As described above, according to the present invention, the first step of housing the battery element group including the positive electrode, the negative electrode, and the polymer solid electrolyte in the flexible outer casing, and the step of reducing the pressure of the flexible outer casing to below atmospheric pressure. A manufacturing method comprising: a second step of sealing; and a third step of heat-welding the positive electrode, the negative electrode, and the solid electrolyte. Alternatively, it is possible to provide a polymer battery realizing a degree of freedom in battery shape by a manufacturing method of performing thermocompression bonding after returning the third step to an atmosphere of an atmospheric pressure or higher.

[Brief description of the drawings]

FIG. 1 is a top view of a battery according to an embodiment of the present invention.

FIG. 2 is a sectional view of the battery.

FIG. 3 is a sectional view of a three-dimensional battery according to an embodiment of the present invention.
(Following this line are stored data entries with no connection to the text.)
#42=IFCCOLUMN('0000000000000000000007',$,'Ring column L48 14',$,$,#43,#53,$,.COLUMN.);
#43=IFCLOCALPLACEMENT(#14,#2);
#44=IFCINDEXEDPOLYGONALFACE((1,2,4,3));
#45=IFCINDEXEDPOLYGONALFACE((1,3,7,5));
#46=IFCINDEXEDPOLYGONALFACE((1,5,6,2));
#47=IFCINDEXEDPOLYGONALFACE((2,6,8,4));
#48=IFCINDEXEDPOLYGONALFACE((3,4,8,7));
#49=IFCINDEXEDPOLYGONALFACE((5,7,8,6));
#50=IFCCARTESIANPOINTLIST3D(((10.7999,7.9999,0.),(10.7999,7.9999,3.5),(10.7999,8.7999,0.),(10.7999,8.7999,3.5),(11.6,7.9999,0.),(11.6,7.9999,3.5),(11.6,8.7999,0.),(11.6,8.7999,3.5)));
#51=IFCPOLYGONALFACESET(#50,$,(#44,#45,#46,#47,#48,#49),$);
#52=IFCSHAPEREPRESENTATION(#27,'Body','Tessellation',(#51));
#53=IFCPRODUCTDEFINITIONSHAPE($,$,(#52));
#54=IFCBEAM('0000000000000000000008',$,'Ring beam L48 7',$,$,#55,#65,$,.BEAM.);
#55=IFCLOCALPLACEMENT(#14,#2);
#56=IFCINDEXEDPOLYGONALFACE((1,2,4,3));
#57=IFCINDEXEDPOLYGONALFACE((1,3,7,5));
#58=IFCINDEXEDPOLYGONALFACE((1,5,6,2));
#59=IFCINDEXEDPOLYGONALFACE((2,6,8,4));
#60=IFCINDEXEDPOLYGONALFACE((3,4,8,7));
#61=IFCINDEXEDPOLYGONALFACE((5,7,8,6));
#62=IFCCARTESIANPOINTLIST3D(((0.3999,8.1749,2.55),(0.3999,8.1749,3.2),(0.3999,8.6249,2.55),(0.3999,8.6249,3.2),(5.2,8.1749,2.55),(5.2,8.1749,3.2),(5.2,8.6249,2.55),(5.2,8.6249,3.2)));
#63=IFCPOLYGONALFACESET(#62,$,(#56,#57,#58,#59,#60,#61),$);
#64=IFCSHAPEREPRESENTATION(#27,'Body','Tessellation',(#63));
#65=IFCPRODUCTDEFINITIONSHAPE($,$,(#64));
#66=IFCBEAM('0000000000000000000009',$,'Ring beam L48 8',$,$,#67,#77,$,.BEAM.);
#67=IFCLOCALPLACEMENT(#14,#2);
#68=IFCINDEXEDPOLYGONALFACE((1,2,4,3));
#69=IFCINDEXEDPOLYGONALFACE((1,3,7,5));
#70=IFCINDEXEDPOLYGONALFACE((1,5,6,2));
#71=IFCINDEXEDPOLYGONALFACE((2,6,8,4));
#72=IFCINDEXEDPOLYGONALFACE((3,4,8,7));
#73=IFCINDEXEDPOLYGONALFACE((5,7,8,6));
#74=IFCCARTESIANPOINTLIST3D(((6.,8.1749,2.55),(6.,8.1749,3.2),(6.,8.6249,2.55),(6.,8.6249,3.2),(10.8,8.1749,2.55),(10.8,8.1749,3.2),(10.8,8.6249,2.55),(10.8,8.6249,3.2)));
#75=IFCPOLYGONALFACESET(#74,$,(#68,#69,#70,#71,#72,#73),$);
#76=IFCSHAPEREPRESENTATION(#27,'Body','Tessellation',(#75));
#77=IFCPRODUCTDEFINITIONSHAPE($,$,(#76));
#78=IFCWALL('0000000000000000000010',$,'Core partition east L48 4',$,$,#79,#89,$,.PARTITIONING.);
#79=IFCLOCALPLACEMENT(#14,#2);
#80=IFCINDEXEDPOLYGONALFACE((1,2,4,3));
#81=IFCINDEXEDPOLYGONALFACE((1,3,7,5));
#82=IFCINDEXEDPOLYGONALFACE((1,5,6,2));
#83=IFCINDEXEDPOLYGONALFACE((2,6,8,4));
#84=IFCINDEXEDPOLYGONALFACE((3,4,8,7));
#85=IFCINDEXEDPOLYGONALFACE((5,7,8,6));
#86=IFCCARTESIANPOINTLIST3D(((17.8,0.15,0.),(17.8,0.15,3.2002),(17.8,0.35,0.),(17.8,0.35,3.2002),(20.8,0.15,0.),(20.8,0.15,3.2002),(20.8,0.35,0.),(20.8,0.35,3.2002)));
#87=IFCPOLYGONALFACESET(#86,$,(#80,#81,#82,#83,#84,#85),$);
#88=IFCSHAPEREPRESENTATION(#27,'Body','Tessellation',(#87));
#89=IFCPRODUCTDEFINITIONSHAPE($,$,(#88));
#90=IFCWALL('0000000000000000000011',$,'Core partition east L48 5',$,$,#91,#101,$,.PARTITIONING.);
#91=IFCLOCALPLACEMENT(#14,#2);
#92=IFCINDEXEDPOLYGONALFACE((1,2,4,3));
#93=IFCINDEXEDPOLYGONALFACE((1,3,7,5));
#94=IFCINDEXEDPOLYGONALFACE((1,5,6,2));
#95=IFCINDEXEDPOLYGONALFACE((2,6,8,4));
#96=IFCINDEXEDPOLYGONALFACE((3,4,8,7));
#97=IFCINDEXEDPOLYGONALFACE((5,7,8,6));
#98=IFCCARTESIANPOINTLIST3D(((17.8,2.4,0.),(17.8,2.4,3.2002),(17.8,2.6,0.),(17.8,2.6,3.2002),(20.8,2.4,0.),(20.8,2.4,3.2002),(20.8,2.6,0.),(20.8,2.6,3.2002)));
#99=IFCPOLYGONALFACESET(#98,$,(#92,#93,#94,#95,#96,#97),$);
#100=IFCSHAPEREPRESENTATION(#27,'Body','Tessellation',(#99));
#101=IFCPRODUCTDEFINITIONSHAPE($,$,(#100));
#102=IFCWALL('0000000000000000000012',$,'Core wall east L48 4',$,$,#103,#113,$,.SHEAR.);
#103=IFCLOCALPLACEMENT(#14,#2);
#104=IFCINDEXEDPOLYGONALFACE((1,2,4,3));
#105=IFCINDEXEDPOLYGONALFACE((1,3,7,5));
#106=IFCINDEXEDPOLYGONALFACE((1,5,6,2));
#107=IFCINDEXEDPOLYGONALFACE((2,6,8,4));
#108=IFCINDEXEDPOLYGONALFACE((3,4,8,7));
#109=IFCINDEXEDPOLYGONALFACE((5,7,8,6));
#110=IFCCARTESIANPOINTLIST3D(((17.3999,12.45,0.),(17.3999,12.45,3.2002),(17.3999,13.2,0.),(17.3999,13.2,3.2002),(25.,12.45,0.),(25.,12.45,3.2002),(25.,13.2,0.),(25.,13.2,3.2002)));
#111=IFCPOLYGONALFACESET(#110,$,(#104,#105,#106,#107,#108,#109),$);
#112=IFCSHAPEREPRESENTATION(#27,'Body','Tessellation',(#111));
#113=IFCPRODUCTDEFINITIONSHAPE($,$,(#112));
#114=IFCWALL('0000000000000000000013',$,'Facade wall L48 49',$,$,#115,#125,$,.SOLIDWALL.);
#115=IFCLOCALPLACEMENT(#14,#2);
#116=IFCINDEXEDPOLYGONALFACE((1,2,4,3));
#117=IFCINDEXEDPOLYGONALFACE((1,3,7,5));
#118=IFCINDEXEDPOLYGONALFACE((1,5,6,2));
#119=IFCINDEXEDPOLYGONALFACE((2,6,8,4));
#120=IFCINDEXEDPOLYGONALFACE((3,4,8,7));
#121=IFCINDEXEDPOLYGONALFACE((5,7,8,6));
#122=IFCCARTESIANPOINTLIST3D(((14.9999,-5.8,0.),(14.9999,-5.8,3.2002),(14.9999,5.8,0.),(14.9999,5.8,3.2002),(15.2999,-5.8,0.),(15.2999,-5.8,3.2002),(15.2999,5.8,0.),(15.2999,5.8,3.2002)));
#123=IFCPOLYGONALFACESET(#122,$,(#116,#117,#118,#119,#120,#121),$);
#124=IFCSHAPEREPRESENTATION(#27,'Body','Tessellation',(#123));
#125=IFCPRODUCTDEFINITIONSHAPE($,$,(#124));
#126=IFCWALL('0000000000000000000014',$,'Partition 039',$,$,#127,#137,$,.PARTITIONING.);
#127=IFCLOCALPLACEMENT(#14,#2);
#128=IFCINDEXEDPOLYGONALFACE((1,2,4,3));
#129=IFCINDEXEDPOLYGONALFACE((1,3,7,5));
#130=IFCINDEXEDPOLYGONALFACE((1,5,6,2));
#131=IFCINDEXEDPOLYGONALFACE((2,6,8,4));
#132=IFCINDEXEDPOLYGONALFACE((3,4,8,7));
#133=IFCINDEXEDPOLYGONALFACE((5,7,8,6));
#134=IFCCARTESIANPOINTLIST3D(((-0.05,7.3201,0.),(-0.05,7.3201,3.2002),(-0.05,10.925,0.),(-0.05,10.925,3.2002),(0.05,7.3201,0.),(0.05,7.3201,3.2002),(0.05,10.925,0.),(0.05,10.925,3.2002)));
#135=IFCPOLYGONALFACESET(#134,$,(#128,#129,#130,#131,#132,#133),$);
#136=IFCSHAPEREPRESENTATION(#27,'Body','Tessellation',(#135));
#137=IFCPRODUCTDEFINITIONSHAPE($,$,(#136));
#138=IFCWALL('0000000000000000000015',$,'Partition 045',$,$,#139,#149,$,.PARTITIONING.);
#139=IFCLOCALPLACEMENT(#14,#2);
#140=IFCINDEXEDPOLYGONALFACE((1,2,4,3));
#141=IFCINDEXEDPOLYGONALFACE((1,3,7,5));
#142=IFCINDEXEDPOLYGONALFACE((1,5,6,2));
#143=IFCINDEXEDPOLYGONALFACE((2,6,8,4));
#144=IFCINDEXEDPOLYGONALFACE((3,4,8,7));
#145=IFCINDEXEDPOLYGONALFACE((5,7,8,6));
FIG. 4 is a cross-sectional view of a three-dimensional battery according to an embodiment of the related art.

[Explanation of symbols]

 DESCRIPTION OF SYMBOLS 1 Positive electrode 1a Positive electrode collector 1b Positive electrode mixture layer 1c Positive electrode lead attachment part 2 Negative electrode 2a Negative electrode collector 2b Negative electrode mixture layer 2c Negative electrode lead attaching part 3 Polymer solid electrolyte 4 Battery element 5 Positive electrode lead 6 Negative electrode lead 7 Aluminum Laminate bag 8 Positive electrode output terminal 9 Negative electrode output terminal 10 Positive electrode lead insulation protection film 11 Negative electrode lead insulation protection film P1 Aluminum laminated film heat welded part P2 Aluminum laminated film heat welded part P3 Aluminum laminated film heat welded part T Aluminum laminated film bent part

Continued on the front page F term (reference) 5H011 AA00 CC02 CC06 CC10 DD05 FF02 JJ25 5H029 AJ00 AK03 AL07 AM00 AM03 AM07 AM16 BJ04 BJ12 CJ02 CJ05 CJ06 CJ28 DJ02 DJ08 DJ09 DJ11 DJ13 DJ14 DJ16 EJ01 EJ12 EJ14

Claims (7)

[Claims] A first step of accommodating a battery element group comprising a positive electrode, a negative electrode, and a polymer solid electrolyte in a flexible outer casing, a second step of reducing the pressure of the flexible outer casing to below atmospheric pressure, and closing the flexible outer casing; A method for producing a polymer battery, comprising a third step of thermally welding a positive electrode, the negative electrode, and the solid electrolyte. 2. A first step of housing a battery element group including a positive electrode, a negative electrode, and a polymer solid electrolyte in a flexible outer casing, and a second step of sealing the flexible outer casing containing the battery element in an atmosphere under atmospheric pressure. And a third step of heat-welding the positive electrode, the negative electrode, and the solid electrolyte after returning to an atmosphere at or above atmospheric pressure. 3. The method for producing a polymer battery according to claim 1, wherein the polymer solid electrolyte is obtained by integrating an organic polymer compound and an electrolytic solution by gelation. . 4. The method according to claim 3, wherein the organic polymer compound is a fluororesin. 5. The method according to claim 3, wherein the organic polymer compound is a fluororesin having closed cells and / or through holes. 6. The method for producing a polymer battery according to claim 1, wherein at least one of the positive electrode and the negative electrode has a structure having an active material particle layer bound by a binder. 7. The method for producing a polymer battery according to claim 1, wherein the flexible exterior body is formed in a three-dimensional shape in advance.